Умер Анджей Вайда
В среду Польша будет хоронить Анджея Вайду, скончавшегося на 91-м году жизни. За 60 лет он снял 41 полнометражный игровой фильм, но, даже если бы снял только "Пепел и алмаз" (1958), бессмертие было бы ему гарантировано.
Баллада о Мачеке Хелмицком, юном рыцаре антикоммунистического террора, бессмысленно убивающем и мучительно погибающем 9 мая 1945 года, стала частью жизни всех, кто ее видел. Они уже никогда не забудут близорукие глаза Збигнева Цыбульского за дымчатыми очками — "свидетельством неразделенной любви к родине" — и полыхающий спирт в стопках — антивечный огонь памяти павших товарищей. Полонез Огинского, плывущий над шабашем мародеров, крадущих чужую славу и победу, и то, как падает в объятия Мачека убитый им старый, одышливый романтик — коммунист Щука, враг в жизни и брат в смерти.
Фильм стал символом "польской школы", обратившейся к событиям оккупации и послевоенной братоубийственной гражданской войны между фракциями Сопротивления. Она поразила мир экзистенциальным трагизмом, притчеобразным сюжетосложением и патетическим символизмом. Но "Пепел и алмаз" невозможно воспринимать в одном польском контексте. Это фильм обо всех проигранных и еще не вспыхнувших, но заведомо обреченных мятежах, выкашивающих поколения юных романтиков, и неважно, какому делу они преданы.

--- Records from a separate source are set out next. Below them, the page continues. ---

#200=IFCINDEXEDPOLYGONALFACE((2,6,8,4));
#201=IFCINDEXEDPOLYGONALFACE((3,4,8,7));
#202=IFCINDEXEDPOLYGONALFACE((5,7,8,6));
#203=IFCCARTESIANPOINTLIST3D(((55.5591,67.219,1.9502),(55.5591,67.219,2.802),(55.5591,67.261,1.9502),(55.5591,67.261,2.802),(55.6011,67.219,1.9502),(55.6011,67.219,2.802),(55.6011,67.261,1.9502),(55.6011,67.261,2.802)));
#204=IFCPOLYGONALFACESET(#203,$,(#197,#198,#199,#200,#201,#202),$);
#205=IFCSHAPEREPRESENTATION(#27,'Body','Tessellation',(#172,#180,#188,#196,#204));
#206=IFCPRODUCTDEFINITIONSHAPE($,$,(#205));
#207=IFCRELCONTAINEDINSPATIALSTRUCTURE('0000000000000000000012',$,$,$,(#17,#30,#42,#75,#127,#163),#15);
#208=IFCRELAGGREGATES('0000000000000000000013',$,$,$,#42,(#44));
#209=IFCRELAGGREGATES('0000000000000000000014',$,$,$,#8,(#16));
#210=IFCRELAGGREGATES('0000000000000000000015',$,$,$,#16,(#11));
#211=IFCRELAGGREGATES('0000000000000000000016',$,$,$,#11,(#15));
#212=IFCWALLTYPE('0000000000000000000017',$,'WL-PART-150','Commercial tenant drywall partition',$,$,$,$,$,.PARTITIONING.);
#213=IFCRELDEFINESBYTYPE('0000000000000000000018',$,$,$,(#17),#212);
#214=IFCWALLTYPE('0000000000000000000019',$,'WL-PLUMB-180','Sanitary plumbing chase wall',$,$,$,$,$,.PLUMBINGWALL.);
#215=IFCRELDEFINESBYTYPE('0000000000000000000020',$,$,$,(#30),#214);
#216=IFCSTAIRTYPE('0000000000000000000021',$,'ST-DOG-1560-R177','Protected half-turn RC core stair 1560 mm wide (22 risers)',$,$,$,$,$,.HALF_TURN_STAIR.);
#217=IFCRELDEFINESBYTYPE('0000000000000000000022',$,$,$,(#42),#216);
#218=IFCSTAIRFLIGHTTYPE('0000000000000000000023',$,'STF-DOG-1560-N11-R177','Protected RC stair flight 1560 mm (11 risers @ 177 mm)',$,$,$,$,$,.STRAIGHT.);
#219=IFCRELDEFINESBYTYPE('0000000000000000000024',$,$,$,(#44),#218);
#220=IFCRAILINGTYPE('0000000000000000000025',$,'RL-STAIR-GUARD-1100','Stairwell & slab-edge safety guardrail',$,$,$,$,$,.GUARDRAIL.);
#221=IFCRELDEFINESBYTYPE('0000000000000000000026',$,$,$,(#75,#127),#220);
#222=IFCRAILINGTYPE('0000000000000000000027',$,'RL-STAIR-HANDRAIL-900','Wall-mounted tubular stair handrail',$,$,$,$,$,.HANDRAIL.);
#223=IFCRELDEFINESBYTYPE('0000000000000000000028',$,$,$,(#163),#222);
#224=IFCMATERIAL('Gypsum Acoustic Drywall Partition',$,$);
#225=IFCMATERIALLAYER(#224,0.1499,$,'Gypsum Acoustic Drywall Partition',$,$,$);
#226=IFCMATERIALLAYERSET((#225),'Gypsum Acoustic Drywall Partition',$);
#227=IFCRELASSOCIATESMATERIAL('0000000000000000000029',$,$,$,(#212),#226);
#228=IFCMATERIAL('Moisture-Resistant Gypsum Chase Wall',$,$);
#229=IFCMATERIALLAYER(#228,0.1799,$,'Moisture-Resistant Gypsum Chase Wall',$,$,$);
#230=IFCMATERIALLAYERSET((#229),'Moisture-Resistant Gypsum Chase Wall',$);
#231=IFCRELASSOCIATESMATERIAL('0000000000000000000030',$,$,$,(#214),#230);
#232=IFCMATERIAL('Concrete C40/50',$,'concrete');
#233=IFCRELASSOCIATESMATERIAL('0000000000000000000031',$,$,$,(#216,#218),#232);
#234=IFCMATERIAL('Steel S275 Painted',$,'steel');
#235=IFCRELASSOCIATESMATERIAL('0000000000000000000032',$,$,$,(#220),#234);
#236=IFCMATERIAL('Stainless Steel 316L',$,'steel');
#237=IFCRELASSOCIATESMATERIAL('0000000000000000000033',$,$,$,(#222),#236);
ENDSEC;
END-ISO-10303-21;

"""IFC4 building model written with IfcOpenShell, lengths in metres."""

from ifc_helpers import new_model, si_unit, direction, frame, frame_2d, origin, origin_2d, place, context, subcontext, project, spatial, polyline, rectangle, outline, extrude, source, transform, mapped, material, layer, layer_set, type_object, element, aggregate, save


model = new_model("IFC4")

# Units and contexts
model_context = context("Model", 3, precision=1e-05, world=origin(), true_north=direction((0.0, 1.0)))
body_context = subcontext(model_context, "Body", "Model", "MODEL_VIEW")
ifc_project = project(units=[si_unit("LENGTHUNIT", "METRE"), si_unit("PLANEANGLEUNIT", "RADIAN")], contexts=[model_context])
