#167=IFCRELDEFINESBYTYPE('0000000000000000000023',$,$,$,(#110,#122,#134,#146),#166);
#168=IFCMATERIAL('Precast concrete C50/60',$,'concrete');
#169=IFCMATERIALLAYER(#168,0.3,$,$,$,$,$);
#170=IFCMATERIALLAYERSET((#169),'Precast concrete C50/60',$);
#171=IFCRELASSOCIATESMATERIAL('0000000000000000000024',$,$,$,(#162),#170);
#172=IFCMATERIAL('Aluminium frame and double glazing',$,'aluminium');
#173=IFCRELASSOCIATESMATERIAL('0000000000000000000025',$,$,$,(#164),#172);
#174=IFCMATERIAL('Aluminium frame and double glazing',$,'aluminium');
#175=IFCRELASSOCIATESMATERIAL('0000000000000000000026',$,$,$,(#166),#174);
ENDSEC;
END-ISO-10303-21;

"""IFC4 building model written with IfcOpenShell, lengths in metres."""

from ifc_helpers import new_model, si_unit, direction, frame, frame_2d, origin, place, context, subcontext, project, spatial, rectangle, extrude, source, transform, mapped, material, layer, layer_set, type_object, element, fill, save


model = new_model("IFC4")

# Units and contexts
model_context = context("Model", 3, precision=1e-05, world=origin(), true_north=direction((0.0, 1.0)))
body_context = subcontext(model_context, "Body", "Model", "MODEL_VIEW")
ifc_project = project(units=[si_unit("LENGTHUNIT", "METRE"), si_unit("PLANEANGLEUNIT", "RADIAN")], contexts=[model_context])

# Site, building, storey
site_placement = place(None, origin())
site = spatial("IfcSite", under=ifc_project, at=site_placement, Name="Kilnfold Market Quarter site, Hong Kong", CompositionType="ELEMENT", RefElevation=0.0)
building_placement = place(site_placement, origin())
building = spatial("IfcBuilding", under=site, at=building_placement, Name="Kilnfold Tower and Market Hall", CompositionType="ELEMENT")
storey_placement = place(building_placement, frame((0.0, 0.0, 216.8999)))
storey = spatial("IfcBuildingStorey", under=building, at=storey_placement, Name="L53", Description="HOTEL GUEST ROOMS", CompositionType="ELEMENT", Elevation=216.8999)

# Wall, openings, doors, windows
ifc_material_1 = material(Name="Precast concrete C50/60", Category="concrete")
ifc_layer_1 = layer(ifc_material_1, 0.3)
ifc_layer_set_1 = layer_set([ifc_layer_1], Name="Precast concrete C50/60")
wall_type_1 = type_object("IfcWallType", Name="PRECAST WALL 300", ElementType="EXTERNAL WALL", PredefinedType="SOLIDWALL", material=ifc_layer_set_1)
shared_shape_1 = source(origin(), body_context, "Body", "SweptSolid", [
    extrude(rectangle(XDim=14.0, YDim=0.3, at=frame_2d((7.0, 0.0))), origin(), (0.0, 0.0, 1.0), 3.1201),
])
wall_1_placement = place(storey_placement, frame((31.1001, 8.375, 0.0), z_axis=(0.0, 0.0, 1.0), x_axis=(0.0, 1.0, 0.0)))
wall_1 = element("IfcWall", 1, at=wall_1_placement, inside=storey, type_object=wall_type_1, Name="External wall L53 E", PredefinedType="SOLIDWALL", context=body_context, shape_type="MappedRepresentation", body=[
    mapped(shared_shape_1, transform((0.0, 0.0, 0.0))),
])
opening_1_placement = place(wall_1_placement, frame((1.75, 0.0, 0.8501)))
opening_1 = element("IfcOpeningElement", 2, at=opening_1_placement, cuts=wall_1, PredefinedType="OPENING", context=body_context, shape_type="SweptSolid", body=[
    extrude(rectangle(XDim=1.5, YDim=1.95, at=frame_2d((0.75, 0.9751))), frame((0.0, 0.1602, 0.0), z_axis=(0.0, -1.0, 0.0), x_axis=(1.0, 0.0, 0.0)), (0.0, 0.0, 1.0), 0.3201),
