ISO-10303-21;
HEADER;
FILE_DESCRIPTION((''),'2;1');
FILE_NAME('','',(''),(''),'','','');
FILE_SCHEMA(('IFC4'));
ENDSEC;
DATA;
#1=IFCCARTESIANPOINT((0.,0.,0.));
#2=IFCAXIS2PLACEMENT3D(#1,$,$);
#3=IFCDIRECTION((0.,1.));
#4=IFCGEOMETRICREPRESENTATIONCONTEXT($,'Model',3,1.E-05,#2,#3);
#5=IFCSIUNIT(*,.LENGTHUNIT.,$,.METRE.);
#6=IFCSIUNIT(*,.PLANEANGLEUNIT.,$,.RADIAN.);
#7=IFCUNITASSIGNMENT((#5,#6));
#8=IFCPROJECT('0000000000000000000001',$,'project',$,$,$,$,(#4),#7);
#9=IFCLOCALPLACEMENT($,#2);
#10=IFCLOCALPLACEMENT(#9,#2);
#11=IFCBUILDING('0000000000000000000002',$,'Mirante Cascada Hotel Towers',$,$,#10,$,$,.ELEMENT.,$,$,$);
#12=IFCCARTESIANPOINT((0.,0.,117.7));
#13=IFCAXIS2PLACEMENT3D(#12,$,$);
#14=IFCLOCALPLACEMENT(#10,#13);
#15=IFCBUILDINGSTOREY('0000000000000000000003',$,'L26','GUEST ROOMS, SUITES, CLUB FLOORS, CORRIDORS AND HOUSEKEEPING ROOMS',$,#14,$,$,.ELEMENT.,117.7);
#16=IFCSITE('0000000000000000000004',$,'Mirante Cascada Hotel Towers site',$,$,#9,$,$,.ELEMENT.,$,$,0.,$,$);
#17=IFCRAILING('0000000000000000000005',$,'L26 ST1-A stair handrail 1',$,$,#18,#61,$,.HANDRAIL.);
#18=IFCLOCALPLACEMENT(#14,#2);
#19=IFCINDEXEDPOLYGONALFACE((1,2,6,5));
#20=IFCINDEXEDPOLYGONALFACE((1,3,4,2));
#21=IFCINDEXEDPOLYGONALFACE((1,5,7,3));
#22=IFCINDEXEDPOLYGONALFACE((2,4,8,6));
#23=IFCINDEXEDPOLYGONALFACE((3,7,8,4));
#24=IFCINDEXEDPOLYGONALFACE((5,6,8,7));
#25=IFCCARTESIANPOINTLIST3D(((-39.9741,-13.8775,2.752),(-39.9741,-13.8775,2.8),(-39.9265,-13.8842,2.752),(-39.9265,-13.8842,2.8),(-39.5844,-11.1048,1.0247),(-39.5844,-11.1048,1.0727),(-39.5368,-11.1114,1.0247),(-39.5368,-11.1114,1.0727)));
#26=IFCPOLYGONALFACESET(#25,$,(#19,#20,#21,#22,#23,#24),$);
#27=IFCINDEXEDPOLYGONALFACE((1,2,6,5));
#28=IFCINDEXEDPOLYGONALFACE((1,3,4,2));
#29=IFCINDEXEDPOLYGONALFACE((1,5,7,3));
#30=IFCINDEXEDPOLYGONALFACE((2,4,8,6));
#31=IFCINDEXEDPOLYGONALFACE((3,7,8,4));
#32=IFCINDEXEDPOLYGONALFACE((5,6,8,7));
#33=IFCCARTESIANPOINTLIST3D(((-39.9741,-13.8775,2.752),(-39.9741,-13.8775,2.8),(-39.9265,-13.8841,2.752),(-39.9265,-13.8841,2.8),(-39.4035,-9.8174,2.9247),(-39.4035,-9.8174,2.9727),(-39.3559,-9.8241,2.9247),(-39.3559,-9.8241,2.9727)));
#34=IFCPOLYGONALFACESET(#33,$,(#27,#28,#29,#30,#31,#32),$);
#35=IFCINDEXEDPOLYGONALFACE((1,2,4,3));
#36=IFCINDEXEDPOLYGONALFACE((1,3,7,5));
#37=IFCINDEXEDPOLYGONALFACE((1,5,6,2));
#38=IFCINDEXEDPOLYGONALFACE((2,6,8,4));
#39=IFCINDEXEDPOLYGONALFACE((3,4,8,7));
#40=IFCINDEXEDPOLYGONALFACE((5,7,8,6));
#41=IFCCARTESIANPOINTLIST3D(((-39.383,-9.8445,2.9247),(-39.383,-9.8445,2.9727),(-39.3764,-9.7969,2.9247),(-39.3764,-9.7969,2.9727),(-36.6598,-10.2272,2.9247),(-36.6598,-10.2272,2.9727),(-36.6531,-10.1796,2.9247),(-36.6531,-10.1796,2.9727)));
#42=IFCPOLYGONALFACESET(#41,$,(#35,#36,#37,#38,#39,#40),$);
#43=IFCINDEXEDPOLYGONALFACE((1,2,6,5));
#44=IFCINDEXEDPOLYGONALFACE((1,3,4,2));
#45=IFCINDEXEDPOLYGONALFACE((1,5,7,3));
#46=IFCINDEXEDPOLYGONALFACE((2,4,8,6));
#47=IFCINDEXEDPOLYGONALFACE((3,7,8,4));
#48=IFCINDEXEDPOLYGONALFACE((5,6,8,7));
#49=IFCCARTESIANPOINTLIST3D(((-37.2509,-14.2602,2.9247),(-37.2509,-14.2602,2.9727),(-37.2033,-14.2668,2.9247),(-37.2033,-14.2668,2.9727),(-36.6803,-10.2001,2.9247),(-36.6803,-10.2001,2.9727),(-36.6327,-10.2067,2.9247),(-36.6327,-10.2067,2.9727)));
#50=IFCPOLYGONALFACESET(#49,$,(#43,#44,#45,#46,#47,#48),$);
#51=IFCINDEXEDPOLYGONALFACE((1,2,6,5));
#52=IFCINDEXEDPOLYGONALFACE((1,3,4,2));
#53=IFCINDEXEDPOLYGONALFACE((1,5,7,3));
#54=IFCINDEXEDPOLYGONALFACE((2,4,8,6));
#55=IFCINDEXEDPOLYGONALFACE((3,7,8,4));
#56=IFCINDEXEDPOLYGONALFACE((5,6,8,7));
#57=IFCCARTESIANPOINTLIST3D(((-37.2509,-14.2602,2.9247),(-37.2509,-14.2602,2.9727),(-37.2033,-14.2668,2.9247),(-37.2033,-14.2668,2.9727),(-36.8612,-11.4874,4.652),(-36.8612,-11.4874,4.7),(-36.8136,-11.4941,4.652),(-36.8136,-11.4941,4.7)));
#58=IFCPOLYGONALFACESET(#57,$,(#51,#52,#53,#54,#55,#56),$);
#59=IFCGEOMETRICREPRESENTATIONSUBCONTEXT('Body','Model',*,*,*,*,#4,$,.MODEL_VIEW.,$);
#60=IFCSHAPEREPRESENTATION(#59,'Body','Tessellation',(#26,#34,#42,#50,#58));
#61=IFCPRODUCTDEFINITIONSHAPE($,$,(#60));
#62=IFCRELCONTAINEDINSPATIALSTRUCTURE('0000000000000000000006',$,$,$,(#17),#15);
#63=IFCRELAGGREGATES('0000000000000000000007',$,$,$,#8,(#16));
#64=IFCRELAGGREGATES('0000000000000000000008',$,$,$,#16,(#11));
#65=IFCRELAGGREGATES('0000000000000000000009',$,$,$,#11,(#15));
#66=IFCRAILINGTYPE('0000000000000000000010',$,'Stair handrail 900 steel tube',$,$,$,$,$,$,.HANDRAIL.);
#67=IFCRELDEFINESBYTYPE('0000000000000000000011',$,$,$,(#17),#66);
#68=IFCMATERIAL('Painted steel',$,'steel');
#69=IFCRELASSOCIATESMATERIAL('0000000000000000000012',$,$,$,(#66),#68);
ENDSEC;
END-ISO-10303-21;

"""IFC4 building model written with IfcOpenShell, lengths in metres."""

from ifc_helpers import new_model, si_unit, direction, frame, origin, origin_2d, place, context, subcontext, project, spatial, rectangle, extrude, material, type_object, element, save


model = new_model("IFC4")

# Units and contexts
model_context = context("Model", 3, precision=1e-05, world=origin(), true_north=direction((0.0, 1.0)))
body_context = subcontext(model_context, "Body", "Model", "MODEL_VIEW")
ifc_project = project(units=[si_unit("LENGTHUNIT", "METRE"), si_unit("PLANEANGLEUNIT", "RADIAN")], contexts=[model_context])

# Site, building, storey
site_placement = place(None, origin())
site = spatial("IfcSite", under=ifc_project, at=site_placement, Name="Mirante Cascada Hotel Towers site", CompositionType="ELEMENT", RefElevation=0.0)
building_placement = place(site_placement, origin())
building = spatial("IfcBuilding", under=site, at=building_placement, Name="Mirante Cascada Hotel Towers", CompositionType="ELEMENT")
storey_placement = place(building_placement, frame((0.0, 0.0, 117.7)))
storey = spatial("IfcBuildingStorey", under=building, at=storey_placement, Name="L26", Description="GUEST ROOMS, SUITES, CLUB FLOORS, CORRIDORS AND HOUSEKEEPING ROOMS", CompositionType="ELEMENT", Elevation=117.7)

# Railing
ifc_material_1 = material(Name="Painted steel", Category="steel")
railing_type = type_object("IfcRailingType", Name="Stair handrail 900 steel tube", PredefinedType="HANDRAIL", material=ifc_material_1)
railing_placement = place(storey_placement, frame((-39.5606, -11.1081, 0.1727)))
element("IfcRailing", 1, at=railing_placement, inside=storey, type_object=railing_type, Name="L26 ST1-A stair handrail 1", PredefinedType="HANDRAIL", context=body_context, shape_type="SweptSolid", body=[
    extrude(rectangle(XDim=0.048, YDim=0.048, at=origin_2d()), frame((0.0, 0.0, 0.876), z_axis=(-0.139181, -0.990267, 0.0), x_axis=(0.990267, -0.139181, 0.0)), (0.0, 0.525035, 0.851081), 3.2899),
    extrude(rectangle(XDim=0.048, YDim=0.048, at=origin_2d()), frame((-0.3897, -2.7727, 2.6033), z_axis=(0.139171, 0.990268, 0.0), x_axis=(-0.990268, 0.139171, 0.0)), (0.0, 0.042085, 0.999114), 4.1036),
    extrude(rectangle(XDim=0.048, YDim=0.048, at=origin_2d()), frame((0.1809, 1.2874, 2.776), z_axis=(0.990269, -0.139166, 0.0), x_axis=(0.139166, 0.990269, 0.0)), (0.0, 0.0, 1.0), 2.75),
    extrude(rectangle(XDim=0.048, YDim=0.048, at=origin_2d()), frame((2.9041, 0.9047, 2.776), z_axis=(-0.139171, -0.990268, 0.0), x_axis=(0.990268, -0.139171, 0.0)), (0.0, 0.0, 1.0), 4.1),
    extrude(rectangle(XDim=0.048, YDim=0.048, at=origin_2d()), frame((2.3335, -3.1554, 2.776), z_axis=(0.139181, 0.990267, 0.0), x_axis=(-0.990267, 0.139181, 0.0)), (0.0, 0.525035, 0.851081), 3.2899),
])

save(model, "model.ifc")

Называть Вайду отцом "польской школы" тоже не совсем корректно: скорее, пионером. "Школа" — не сумма монологов, а трагический хор поколения, чью юность раздавила война: голоса Вайды, Мунка, Кавалеровича, Хаса, Пассендорфера звучали на равных. Но только Вайда вышел за пределы кино, его фильмы стали синонимом польской культуры и катехизисом "национальной идеи". Вайда не летописал историю Польши, а писал с чистого листа.
Точно так же творили национальные мифы — фундамент национальных государств — романтики в начале XIX века. В Польше, расчлененной соседями еще до появления самого понятия "нации", процесс задержался. Вайде и его товарищам выпала роль романтиков, обреченных на агрессивно антиромантическую эпоху. Они пылко любили родину и не питали никаких иллюзий по ее поводу. "Польскую идею", заявленную в "Канале" (1957) и "Пепле и алмазе", Вайда развил в "Летне" (1959), в гениальном "Пепле" (1965) из времен наполеоновских войн и даже в камерных драмах об угасании помещичьего быта. Эта идея — душераздирающее, самоотверженное, театрализованное и бессмысленное самоубийство цвета нации в погоне за миражами величия.
Но грянула "Солидарность", и Вайда сошел с Олимпа, оказался живым человеком, подверженным, вопреки своей философии, соблазну политики. Еще в 1976 году он снял "Человека из мрамора", трагический памфлет о несчастной судьбе рабочего в рабочем государстве. "Человек из железа" (1981), сиюминутный, поспешный, но удивительно искренний гимн гданьским забастовщикам принес Вайде каннское "золото". Когда "Солидарность" победила, Вайда принялся переосмысливать самого себя, корректировать исторические акценты и даже обрядил в легендарную кожанку Мачека персонажа "Перстенька с орлом в короне" (1992). Предпоследний его фильм — "Валенса. Человек из надежды" (2013), почти житие "святого" Валенсы,— говорит больше о режиссере, способном, вопреки возрасту и опыту, влюбиться в своего героя, чем о самом герое. Но по-настоящему он простился со зрителями "Катынью" (2007), фильмом античного пафоса. В Катыни погиб отец Вайды, но режиссер завещал миру видеть в истории не мелодраму, населенную "плохими" и "хорошими" марионетками, а трагедию судьбы, не частной, но национальной.